Attention-based models for time series classification

Publié le
Equipe
Date de début de thèse (si connue)
dès que possible
Lieu
IRISA
Unité de recherche
IRISA - UMR 6074
Description du sujet de la thèse

More and more data is monitored 24h a day in many different domains including business, medicine, ecology, etc., leading to an incredible amount of temporal data available. Numerous research works on the domain temporal data analysis and learning have been proposed these last years.

Amongst these works, time series classification (TSC) has received a lot of attention. Many different techniques for TSC have recently emerged. A detailed review of the main TSC techniques can be found in [1].

Inspired by the success of convolutional neural networks for image and video analysis, some accurate models for TSC have been designed using neural networks, as detailed in the review [2].

In [3], it is shown that the importance of localization information is really dependent on the dataset. It seems hence essential to design models capable of learning when and how to use localization information for TSC.

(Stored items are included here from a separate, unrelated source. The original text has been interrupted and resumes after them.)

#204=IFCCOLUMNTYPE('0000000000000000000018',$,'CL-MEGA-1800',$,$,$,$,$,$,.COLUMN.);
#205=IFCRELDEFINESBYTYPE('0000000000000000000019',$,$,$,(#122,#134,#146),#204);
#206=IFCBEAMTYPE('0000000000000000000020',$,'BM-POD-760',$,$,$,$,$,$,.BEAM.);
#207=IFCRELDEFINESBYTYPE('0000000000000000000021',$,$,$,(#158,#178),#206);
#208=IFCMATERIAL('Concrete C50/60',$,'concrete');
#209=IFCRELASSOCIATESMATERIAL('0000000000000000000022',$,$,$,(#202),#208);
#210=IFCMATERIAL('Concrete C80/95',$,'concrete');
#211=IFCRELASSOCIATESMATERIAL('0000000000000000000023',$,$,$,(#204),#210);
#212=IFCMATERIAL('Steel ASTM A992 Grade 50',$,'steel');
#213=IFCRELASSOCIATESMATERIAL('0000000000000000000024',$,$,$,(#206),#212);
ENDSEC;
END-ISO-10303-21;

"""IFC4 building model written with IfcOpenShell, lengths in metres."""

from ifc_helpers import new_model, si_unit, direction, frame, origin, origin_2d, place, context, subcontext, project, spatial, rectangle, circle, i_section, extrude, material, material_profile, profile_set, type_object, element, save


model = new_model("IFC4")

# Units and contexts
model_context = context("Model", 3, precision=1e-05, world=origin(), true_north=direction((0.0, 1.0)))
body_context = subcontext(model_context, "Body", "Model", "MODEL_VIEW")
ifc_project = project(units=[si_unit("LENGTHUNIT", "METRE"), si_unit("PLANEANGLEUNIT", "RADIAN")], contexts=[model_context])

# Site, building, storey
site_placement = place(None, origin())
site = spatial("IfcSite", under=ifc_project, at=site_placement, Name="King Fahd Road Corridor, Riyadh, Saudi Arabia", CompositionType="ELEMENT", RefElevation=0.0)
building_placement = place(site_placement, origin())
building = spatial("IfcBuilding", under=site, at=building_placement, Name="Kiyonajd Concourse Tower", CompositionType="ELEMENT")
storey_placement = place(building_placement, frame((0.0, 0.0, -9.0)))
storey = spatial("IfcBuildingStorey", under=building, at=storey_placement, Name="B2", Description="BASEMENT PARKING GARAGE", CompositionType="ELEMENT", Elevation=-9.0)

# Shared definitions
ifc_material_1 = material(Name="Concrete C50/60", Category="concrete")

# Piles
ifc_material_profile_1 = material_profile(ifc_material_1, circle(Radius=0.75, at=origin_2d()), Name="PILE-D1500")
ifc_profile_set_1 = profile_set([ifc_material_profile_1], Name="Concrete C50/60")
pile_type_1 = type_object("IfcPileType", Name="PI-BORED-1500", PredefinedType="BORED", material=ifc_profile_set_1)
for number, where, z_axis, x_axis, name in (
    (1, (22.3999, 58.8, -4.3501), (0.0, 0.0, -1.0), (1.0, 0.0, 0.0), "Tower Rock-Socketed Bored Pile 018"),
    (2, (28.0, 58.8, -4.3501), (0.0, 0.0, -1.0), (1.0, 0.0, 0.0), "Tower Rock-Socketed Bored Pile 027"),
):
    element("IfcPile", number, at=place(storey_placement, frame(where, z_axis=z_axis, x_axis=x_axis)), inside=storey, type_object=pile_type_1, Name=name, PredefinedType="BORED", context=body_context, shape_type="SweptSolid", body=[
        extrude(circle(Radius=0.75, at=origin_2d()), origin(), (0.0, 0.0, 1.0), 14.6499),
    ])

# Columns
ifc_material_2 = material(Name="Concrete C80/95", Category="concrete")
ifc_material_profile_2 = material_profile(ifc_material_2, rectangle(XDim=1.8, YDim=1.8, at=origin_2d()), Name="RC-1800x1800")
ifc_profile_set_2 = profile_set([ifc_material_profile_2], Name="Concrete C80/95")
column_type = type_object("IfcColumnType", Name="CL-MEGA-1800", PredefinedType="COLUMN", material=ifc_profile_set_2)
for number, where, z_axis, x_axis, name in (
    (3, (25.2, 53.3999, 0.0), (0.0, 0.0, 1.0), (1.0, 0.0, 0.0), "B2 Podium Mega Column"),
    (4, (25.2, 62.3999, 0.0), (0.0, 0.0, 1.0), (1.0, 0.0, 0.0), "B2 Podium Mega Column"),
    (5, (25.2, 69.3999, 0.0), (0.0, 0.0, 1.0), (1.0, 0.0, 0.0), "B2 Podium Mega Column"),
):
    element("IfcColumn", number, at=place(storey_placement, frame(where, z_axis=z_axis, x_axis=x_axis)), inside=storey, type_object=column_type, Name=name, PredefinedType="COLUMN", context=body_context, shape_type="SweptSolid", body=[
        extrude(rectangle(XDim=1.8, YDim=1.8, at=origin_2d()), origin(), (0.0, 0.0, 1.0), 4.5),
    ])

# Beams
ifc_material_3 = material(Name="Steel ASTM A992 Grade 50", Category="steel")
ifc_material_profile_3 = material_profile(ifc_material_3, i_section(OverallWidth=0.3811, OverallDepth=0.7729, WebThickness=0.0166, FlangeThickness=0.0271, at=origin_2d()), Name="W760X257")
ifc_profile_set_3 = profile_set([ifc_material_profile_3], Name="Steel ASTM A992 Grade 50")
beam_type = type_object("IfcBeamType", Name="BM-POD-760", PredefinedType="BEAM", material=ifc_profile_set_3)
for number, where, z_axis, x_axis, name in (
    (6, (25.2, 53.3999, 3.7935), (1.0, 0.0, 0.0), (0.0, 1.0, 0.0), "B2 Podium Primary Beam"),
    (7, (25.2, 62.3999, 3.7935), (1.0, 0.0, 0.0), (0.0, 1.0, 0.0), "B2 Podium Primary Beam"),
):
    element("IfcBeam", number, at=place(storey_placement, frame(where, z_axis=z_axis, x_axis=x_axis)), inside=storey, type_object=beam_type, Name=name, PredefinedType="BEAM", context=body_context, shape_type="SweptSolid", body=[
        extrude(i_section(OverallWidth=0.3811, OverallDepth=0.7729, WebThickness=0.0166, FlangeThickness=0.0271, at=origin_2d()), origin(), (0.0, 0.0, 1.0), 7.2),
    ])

Most of state-of-the-art models are not specifically designed to focus on the importance of the localization information, as they either do not take it specifically into account, or just partially (only absolute localization of patterns and not differential one, or the other way around), or they don’t have the ability to learn which kind of localization information is important for every particular dataset.

The Attention mechanism [4] aims at giving a model the ability to put the focus on certain parts of the data to quantify and learn the temporal dependance between the input and output of the model.

Attention-based models led to great improvement in domains such as natural language processing, audio and video analysis in which the temporal information is at stake.

Transformer models (that include the attention mechanism) are state of the art models for many tasks using such kind of data.

The objective of this PhD is to design attention-based models for time series classification.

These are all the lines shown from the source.